Summary
Rose Eastmen—ink-smudged muse of the tenement—sweeps the corridors of a Manhattan publishing mausoleum where her uncle’s broom is the only scepter their bloodline wields. The gutters of 1917 howl with pamphlets promising utopia; Rose, illiterate to every alphabet except hunger, swallows the gospel of Rudolph Creig, a gaunt pamphleteer who preaches that wealth is original sin. One sulfurous dusk she mistakes Jack Stevens—heir to the very presses that spit out Creig’s tirades—for a grease-monkey in a threadbare shirt. Their courtship is a tango of mistaken silhouettes: she teaches him how to whistle like a stevedore, he teaches her the opulent hush of rooftops where electric billboards baptize the sky. Each tryst peels another layer of ideology until Rose sees the gilded cage is wired with human veins. Creig, meanwhile, tastes the narcotic of royalties; his pen, once a Molotov, now signs marriage certificates. The final tableau—Rose in a dime-store veil, Creig clutching a check fat as a hymnal—leaves the audience holding its breath inside the question mark of whether love or money has won.
Synopsis
A young girl, Rose Eastmen ( Besie Love ) lives with her lazy Uncle, who works as a janitor in a publishing house.
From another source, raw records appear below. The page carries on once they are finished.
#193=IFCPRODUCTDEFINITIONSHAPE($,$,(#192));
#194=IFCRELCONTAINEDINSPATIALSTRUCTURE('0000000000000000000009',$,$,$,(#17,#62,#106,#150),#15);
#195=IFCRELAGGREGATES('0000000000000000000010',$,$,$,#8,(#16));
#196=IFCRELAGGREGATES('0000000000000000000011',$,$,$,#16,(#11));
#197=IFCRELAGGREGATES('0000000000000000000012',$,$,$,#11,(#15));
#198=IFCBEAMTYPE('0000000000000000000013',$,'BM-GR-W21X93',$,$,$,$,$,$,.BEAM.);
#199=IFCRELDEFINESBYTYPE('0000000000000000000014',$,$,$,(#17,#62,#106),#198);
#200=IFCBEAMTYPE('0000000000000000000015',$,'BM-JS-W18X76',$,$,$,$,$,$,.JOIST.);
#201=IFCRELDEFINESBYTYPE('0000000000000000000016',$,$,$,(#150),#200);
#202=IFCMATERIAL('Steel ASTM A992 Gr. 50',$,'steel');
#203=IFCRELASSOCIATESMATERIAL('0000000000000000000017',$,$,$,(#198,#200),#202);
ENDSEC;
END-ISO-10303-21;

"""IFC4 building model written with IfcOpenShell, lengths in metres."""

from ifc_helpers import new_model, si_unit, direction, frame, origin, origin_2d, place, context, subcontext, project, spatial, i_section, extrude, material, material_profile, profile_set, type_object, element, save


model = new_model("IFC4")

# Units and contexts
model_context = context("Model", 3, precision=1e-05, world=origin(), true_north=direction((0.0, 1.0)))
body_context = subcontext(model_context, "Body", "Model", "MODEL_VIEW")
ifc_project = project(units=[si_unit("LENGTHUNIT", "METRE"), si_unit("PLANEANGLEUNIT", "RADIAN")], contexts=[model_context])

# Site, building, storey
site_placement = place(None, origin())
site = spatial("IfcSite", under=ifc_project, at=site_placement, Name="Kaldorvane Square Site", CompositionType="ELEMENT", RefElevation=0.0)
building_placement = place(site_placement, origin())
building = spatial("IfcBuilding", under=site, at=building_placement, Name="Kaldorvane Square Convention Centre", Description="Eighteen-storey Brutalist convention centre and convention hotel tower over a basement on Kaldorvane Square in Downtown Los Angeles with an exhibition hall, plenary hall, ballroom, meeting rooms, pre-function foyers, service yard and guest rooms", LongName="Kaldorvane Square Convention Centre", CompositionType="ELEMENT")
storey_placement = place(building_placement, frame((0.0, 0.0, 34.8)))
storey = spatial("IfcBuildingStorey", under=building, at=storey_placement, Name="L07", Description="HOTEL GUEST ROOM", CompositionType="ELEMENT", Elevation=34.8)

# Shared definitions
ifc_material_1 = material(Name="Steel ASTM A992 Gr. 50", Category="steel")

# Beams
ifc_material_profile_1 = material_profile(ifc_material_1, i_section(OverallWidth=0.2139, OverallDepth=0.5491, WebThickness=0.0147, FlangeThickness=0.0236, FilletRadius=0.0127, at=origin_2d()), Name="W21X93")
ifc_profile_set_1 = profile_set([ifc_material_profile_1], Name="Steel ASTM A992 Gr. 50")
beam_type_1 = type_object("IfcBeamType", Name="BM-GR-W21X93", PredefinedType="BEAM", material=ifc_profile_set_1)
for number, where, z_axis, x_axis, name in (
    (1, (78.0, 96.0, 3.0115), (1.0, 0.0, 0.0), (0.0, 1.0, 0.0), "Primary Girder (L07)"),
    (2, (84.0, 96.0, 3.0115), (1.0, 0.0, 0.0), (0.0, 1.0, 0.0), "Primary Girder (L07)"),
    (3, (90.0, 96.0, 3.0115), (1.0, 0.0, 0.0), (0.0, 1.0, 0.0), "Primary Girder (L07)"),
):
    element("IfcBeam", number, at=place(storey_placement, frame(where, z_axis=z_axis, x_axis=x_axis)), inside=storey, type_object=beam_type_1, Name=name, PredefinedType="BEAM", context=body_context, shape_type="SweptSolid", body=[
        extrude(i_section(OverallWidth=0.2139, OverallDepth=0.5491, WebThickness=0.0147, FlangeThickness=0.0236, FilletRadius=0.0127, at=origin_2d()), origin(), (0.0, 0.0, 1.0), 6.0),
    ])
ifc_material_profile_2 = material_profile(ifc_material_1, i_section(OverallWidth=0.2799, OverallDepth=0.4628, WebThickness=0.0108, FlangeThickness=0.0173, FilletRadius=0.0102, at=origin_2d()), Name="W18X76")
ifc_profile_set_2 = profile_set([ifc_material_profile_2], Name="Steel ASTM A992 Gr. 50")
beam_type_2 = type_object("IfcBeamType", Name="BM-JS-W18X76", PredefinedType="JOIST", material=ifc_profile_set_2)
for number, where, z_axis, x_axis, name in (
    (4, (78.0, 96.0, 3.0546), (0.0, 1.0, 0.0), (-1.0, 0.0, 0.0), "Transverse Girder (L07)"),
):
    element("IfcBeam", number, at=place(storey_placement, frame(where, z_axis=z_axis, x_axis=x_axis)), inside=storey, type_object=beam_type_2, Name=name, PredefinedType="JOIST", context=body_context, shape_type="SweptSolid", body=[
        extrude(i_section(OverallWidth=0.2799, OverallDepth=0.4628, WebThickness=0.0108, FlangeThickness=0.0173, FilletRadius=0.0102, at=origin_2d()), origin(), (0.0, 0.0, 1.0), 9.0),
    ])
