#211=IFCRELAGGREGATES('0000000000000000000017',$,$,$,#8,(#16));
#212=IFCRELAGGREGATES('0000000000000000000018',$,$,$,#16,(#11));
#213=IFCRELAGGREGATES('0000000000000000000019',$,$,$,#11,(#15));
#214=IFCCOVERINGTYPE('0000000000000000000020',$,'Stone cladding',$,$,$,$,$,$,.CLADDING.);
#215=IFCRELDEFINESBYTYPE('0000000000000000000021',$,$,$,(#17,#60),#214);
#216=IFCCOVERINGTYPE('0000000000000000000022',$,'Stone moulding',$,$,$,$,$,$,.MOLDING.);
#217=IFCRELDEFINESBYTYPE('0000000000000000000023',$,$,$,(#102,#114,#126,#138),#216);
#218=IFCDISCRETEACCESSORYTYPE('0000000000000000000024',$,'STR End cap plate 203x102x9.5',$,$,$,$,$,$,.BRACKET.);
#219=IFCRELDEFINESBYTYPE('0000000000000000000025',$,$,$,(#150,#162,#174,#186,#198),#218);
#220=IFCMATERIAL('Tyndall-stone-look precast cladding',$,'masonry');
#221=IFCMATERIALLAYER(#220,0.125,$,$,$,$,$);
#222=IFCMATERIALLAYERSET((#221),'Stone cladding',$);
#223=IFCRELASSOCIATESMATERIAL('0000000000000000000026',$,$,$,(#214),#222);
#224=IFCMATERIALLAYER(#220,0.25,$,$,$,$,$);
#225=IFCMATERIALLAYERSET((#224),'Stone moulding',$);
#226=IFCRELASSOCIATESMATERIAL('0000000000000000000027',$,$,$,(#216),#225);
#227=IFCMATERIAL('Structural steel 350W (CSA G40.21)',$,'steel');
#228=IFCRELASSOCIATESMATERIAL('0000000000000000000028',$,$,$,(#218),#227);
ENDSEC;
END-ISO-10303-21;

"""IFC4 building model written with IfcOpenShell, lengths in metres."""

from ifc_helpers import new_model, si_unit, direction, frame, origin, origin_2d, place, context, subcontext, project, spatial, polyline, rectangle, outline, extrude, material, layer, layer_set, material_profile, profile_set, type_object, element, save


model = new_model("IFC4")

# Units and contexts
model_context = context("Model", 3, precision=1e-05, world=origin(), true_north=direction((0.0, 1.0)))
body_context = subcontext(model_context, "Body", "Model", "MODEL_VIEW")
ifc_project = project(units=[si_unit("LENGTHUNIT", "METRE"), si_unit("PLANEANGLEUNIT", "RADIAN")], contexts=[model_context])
Lacking education, both Rose and her Uncle are susceptible to the socialist ideas of writer Rudolph Creig. One day Rose encounters Jack Stevens the wealthy son of the owner of a publishing house, working on his car. She believes he is a common laborer, and she begins courting him. Through her exposure to Jack, Rose begins to realize the rich are not such an abominable people. Rudolph has also reached this conclusion after learning Stevens has published his book. Now bolstered by success and armed with a hefty royalty check, Rudolph is able to marry Rose.